Keller's new semi-automatic Vibrocat removes driver dependency in stone column construction.
Vibro-stone columns can improve both the bearing capacity and settlement characteristics of poor quality ground, whether it is manmade backfills or natural loose soils.
The method is being used increasingly as an alternative to piled foundations. But its successful use depends on the suitability of the ground, even more so than with piling.
Unlike, for instance, end-bearing piles, the problem is not bypassed with structural elements, but by improving the soil so loads can be transferred through it.
Loads are assumed to be carried by the improved ground, while settlement is governed by the confining action of the surrounding soil. In essence, the ground must laterally contain the loaded column. This means that careful installation is needed, especially in variable soils such as construction backfill.
Provided the ground conditions are appropriate and the column design assumptions are tested and calibrated on site, bearing pressures up to 500kN/m 2can be achieved in loose granular soils.
In made ground, bearing capacities of more than 150kN/m 2are attainable.
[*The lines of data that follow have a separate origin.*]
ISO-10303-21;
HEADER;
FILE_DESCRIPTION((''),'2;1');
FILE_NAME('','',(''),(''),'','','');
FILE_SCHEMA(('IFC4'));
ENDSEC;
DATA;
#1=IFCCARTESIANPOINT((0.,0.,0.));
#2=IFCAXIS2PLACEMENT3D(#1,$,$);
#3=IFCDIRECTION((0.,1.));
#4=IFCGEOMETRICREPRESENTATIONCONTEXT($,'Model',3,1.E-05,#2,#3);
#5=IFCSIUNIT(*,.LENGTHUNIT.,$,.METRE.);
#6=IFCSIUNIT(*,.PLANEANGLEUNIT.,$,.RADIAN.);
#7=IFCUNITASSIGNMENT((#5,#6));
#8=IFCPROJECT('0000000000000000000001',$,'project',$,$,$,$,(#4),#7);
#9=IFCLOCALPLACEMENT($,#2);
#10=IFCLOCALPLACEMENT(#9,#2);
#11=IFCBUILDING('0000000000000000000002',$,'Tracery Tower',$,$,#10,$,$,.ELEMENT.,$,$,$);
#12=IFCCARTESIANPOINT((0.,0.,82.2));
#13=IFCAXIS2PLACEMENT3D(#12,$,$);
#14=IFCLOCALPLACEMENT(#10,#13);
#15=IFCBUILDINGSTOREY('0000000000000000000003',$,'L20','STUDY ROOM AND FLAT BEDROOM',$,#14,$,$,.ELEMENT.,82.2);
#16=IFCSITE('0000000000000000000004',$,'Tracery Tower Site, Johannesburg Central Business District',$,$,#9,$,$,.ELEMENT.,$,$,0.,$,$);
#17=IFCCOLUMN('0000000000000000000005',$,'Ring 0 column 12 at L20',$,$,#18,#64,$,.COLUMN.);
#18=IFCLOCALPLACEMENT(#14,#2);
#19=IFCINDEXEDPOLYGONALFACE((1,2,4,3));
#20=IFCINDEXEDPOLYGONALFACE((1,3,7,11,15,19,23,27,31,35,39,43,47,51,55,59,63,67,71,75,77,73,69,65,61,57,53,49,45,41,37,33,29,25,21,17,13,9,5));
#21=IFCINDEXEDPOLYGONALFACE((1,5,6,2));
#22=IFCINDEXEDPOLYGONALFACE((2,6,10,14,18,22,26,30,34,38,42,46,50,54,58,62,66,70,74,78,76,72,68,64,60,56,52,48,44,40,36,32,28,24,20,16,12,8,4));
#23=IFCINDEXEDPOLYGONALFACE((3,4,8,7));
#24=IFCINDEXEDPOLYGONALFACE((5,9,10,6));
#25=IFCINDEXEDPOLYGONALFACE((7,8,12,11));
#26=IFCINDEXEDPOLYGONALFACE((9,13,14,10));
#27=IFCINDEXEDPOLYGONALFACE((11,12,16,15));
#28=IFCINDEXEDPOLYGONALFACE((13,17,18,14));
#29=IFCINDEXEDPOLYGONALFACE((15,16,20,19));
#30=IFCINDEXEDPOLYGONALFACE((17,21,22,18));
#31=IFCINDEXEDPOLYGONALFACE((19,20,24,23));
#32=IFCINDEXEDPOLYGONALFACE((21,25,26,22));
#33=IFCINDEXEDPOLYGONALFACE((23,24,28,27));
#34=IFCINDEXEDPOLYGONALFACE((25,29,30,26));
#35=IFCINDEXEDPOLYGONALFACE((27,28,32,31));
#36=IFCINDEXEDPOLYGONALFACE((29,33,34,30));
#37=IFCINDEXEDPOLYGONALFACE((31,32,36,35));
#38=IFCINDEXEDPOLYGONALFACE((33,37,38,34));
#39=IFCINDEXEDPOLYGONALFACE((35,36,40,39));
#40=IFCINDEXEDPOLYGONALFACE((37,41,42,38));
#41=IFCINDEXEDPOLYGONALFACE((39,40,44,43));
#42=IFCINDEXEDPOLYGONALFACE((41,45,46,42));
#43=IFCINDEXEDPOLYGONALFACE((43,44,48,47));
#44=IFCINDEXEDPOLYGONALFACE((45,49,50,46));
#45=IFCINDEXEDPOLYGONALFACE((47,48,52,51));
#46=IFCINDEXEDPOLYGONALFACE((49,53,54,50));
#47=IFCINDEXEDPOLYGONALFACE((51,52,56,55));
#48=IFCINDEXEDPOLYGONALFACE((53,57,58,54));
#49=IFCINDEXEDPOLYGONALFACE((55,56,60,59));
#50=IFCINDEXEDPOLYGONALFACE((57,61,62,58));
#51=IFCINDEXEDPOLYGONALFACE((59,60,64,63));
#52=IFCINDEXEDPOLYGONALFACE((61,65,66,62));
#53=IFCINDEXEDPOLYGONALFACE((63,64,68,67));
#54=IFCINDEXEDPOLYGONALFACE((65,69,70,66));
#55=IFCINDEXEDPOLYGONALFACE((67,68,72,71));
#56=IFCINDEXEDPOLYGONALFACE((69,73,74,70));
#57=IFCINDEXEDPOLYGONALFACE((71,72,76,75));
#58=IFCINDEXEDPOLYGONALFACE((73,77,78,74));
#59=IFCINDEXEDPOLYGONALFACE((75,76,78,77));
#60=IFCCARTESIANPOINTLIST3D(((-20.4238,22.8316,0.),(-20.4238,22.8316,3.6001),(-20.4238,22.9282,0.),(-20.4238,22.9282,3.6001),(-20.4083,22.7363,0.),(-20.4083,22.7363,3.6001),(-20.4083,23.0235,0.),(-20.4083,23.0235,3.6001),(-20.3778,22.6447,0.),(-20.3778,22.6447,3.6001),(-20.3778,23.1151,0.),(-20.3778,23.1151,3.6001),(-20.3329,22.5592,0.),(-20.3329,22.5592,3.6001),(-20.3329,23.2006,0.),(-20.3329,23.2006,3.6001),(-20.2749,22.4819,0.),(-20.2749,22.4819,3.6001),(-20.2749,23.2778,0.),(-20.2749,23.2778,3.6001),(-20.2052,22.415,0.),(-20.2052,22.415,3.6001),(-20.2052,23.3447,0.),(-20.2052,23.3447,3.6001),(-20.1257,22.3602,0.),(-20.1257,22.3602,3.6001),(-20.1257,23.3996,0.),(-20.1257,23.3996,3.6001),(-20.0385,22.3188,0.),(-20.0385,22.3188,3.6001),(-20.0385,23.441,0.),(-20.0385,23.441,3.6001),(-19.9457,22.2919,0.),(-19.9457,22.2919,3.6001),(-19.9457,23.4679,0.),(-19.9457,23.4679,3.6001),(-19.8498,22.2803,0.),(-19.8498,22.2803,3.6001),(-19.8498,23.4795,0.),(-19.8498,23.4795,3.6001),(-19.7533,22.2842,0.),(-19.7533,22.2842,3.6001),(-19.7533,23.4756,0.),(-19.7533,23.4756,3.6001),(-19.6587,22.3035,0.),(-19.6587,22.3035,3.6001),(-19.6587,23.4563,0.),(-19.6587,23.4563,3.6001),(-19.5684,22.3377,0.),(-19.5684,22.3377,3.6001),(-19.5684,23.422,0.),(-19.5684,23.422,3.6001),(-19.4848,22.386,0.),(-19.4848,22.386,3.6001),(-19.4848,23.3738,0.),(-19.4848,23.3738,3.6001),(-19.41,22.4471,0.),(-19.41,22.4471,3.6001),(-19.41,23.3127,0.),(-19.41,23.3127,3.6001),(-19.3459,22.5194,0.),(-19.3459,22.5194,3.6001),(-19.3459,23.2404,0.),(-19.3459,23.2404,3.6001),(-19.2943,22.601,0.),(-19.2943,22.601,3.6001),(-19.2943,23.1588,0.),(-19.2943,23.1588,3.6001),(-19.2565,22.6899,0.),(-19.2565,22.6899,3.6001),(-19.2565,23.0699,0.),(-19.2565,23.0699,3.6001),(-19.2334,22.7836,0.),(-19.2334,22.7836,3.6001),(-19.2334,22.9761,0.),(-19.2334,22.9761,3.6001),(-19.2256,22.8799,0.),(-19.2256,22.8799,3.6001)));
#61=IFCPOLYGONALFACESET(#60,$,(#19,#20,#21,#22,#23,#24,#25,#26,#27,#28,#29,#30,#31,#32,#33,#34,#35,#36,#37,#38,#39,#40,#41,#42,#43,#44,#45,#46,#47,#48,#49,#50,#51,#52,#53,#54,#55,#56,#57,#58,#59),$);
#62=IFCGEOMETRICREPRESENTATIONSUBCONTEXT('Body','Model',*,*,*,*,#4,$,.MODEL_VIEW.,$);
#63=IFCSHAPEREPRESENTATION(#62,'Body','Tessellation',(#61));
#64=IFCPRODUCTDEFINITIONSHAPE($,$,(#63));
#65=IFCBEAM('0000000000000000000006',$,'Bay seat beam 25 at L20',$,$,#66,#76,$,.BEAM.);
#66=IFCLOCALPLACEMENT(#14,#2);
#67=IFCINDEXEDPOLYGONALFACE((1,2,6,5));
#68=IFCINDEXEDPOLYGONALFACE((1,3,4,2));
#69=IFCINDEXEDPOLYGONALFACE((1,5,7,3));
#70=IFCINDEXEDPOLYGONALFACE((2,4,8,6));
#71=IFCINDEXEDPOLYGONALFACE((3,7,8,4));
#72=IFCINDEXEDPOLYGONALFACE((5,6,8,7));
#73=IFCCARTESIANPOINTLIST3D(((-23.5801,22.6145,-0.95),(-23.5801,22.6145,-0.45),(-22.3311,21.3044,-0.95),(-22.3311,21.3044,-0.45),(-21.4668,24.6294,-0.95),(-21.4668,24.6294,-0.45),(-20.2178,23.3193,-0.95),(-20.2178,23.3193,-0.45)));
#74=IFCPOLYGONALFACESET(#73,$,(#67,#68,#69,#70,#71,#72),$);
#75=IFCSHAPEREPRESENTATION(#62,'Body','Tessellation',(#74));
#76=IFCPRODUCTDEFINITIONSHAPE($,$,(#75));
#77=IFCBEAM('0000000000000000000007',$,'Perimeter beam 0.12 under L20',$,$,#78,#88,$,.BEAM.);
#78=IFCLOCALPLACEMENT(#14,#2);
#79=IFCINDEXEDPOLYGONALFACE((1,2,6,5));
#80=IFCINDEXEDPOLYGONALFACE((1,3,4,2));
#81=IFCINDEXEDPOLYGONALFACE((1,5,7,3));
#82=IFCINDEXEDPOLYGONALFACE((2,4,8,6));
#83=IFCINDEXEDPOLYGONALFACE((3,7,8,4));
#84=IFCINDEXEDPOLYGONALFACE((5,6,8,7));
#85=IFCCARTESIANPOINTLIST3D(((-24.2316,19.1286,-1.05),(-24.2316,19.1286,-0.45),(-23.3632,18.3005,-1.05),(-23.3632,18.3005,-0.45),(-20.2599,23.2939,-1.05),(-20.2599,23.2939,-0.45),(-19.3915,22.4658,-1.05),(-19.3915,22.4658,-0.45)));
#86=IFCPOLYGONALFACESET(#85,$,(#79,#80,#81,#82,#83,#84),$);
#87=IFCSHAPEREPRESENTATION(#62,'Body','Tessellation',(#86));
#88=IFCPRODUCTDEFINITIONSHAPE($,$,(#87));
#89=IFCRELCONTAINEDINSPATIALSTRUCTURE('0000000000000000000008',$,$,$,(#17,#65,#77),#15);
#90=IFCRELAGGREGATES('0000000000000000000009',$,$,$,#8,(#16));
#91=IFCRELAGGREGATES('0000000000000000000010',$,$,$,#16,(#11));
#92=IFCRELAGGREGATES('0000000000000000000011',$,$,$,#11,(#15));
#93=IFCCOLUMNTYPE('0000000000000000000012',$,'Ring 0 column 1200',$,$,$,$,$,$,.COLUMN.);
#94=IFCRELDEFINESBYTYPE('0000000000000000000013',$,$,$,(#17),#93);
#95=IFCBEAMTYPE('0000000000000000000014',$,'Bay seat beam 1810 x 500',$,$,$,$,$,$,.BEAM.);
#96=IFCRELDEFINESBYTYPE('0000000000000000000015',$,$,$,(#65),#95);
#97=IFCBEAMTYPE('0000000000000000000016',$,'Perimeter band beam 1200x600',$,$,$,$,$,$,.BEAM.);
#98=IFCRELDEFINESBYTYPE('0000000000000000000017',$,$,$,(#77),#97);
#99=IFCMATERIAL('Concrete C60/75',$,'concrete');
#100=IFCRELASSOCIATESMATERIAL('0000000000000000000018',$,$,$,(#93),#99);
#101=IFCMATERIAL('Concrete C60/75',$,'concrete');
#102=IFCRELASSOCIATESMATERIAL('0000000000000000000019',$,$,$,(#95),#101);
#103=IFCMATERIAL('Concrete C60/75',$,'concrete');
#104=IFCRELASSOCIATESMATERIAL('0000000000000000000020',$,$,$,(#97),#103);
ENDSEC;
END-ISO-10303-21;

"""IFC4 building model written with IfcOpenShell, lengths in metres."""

from ifc_helpers import new_model, si_unit, direction, frame, origin, origin_2d, place, context, subcontext, project, spatial, rectangle, circle, extrude, material, material_profile, profile_set, type_object, element, save


model = new_model("IFC4")

# Units and contexts
model_context = context("Model", 3, precision=1e-05, world=origin(), true_north=direction((0.0, 1.0)))
body_context = subcontext(model_context, "Body", "Model", "MODEL_VIEW")
ifc_project = project(units=[si_unit("LENGTHUNIT", "METRE"), si_unit("PLANEANGLEUNIT", "RADIAN")], contexts=[model_context])

# Site, building, storey
site_placement = place(None, origin())
site = spatial("IfcSite", under=ifc_project, at=site_placement, Name="Tracery Tower Site, Johannesburg Central Business District", CompositionType="ELEMENT", RefElevation=0.0)
building_placement = place(site_placement, origin())
building = spatial("IfcBuilding", under=site, at=building_placement, Name="Tracery Tower", CompositionType="ELEMENT")
storey_placement = place(building_placement, frame((0.0, 0.0, 82.2)))
storey = spatial("IfcBuildingStorey", under=building, at=storey_placement, Name="L20", Description="STUDY ROOM AND FLAT BEDROOM", CompositionType="ELEMENT", Elevation=82.2)

# Column
ifc_material_1 = material(Name="Concrete C60/75", Category="concrete")
ifc_material_profile_1 = material_profile(ifc_material_1, circle(Radius=0.6001, at=origin_2d()), Name="RC D1200")
ifc_profile_set_1 = profile_set([ifc_material_profile_1], Name="Concrete C60/75")
column_type = type_object("IfcColumnType", Name="Ring 0 column 1200", PredefinedType="COLUMN", material=ifc_profile_set_1)
column_placement = place(storey_placement, frame((-19.8257, 22.8799, 0.0), z_axis=(0.0, 0.0, 1.0), x_axis=(1.0, 0.0, 0.0)))
element("IfcColumn", 1, at=column_placement, inside=storey, type_object=column_type, Name="Ring 0 column 12 at L20", PredefinedType="COLUMN", context=body_context, shape_type="SweptSolid", body=[
    extrude(circle(Radius=0.6001, at=origin_2d()), origin(), (0.0, 0.0, 1.0), 3.6001),
])

# Beams
ifc_material_2 = material(Name="Concrete C60/75", Category="concrete")
ifc_material_profile_2 = material_profile(ifc_material_2, rectangle(XDim=1.8101, YDim=0.5, at=origin_2d()), Name="RC 1810x500")
ifc_profile_set_2 = profile_set([ifc_material_profile_2], Name="Concrete C60/75")
beam_type_1 = type_object("IfcBeamType", Name="Bay seat beam 1810 x 500", PredefinedType="BEAM", material=ifc_profile_set_2)
beam_1_placement = place(storey_placement, frame((-20.8423, 23.9744, -0.7), z_axis=(-0.723754, -0.690058, 0.0), x_axis=(0.690058, -0.723754, 0.0)))
element("IfcBeam", 2, at=beam_1_placement, inside=storey, type_object=beam_type_1, Name="Bay seat beam 25 at L20", PredefinedType="BEAM", context=body_context, shape_type="SweptSolid", body=[
    extrude(rectangle(XDim=1.8101, YDim=0.5, at=origin_2d()), origin(), (0.0, 0.0, 1.0), 2.9199),
])
ifc_material_3 = material(Name="Concrete C60/75", Category="concrete")
ifc_material_profile_3 = material_profile(ifc_material_3, rectangle(XDim=1.2, YDim=0.6001, at=origin_2d()), Name="RC 1200x600")
ifc_profile_set_3 = profile_set([ifc_material_profile_3], Name="Concrete C60/75")
beam_type_2 = type_object("IfcBeamType", Name="Perimeter band beam 1200x600", PredefinedType="BEAM", material=ifc_profile_set_3)
beam_2_placement = place(storey_placement, frame((-19.8257, 22.8799, -0.75), z_axis=(-0.690087, -0.723726, 0.0), x_axis=(0.723726, -0.690087, 0.0)))
element("IfcBeam", 3, at=beam_2_placement, inside=storey, type_object=beam_type_2, Name="Perimeter beam 0.12 under L20", PredefinedType="BEAM", context=body_context, shape_type="SweptSolid", body=[
    extrude(rectangle(XDim=1.2, YDim=0.6001, at=origin_2d()), origin(), (0.0, 0.0, 1.0), 5.7554),
])

save(model, "model.ifc")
This means stone columns can be a very competitive foundation solution for many types of structure. They are particularly beneficial on brownfield developments or small projects where mobilisation costs can determine the economic viability of a particular foundation technique.
However, there have been a number of projects where poor construction has led to problems.
Often these can be attributed to an inadequate quantity of stone or insufficient compactive effort resulting in badly formed columns - despite the fact that at the surface they may appear to be well constructed.
The problem stems from the fact that successful installation depends on the operator.
Stone columns are formed by placing and compacting stone in displacement bores formed using laterally compacting poker vibrators, which can be either electrically or hydraulically driven.
For electrical systems, there is a well-established correlation between the electrical current measured in the poker and the relative density of the column and surrounding ground.
In principle, if an operator compacts the column in small lifts to a predetermined threshold current, a good quality and consistent column should be formed despite any variations in the density of the pre-treated ground.
Addressing this, contractors are beginning to instrument the construction process. Keller Ground Engineering, for example, has for some time produced printouts giving the depth of each stone column, the energy used to compact the stone, lift by lift, and the rate of construction.
But with the recent introduction of its fifth generation Vibrocat rig, Keller has taken site control to a new level, by introducing a number of innovations aimed at improving the quality and reliability of the columns.
The new rig semi-automates the column construction process.
The operator sets the depth and compaction rate and the machine does the rest, working the stone in each lift until a predetermined density is achieved in the ground, measured by the vibrator's consumption. The rig is also self-levelling and weighs the quantity of stone placed in each column.
'It's all about quality control, measurement and risk control, ' says Keller business development manager Derek Taylor. 'The column logs provide proof that the columns have been constructed to a certain depth and evidence of the degree of compaction achieved along the whole length of the column.' But success in a vibro contract is not just about ticking off the columns on a site plan, he adds.
'We have to be as transparent as possible in the way we construct the columns and the instrumentation and logs help us achieve that.
It's a tremendous innovation.
People specifying vibro work need to be aware that there are different standards of construction out there and that today a greater level of quality control is available.' Taylor says a rig should be achieving no more than about 70 columns in a day. He suggests that higher productivity often indicates inadequate column construction.
'Probably we consistently use more stone than our competitors, but we believe this leads to more competent columns and so better settlement control, ' he says.
Already used for road embankments and industrial type structures, stone columns are an increasingly common foundation solution for buildings up to five or six storeys. In fact, with greater use of timber-framed buildings, Taylor predicts that stone columns may routinely be used on taller buildings.
'We are treating ever more complex soils, from soft clays to highly variable fills, and for many of our projects settlement control is everything, ' he says.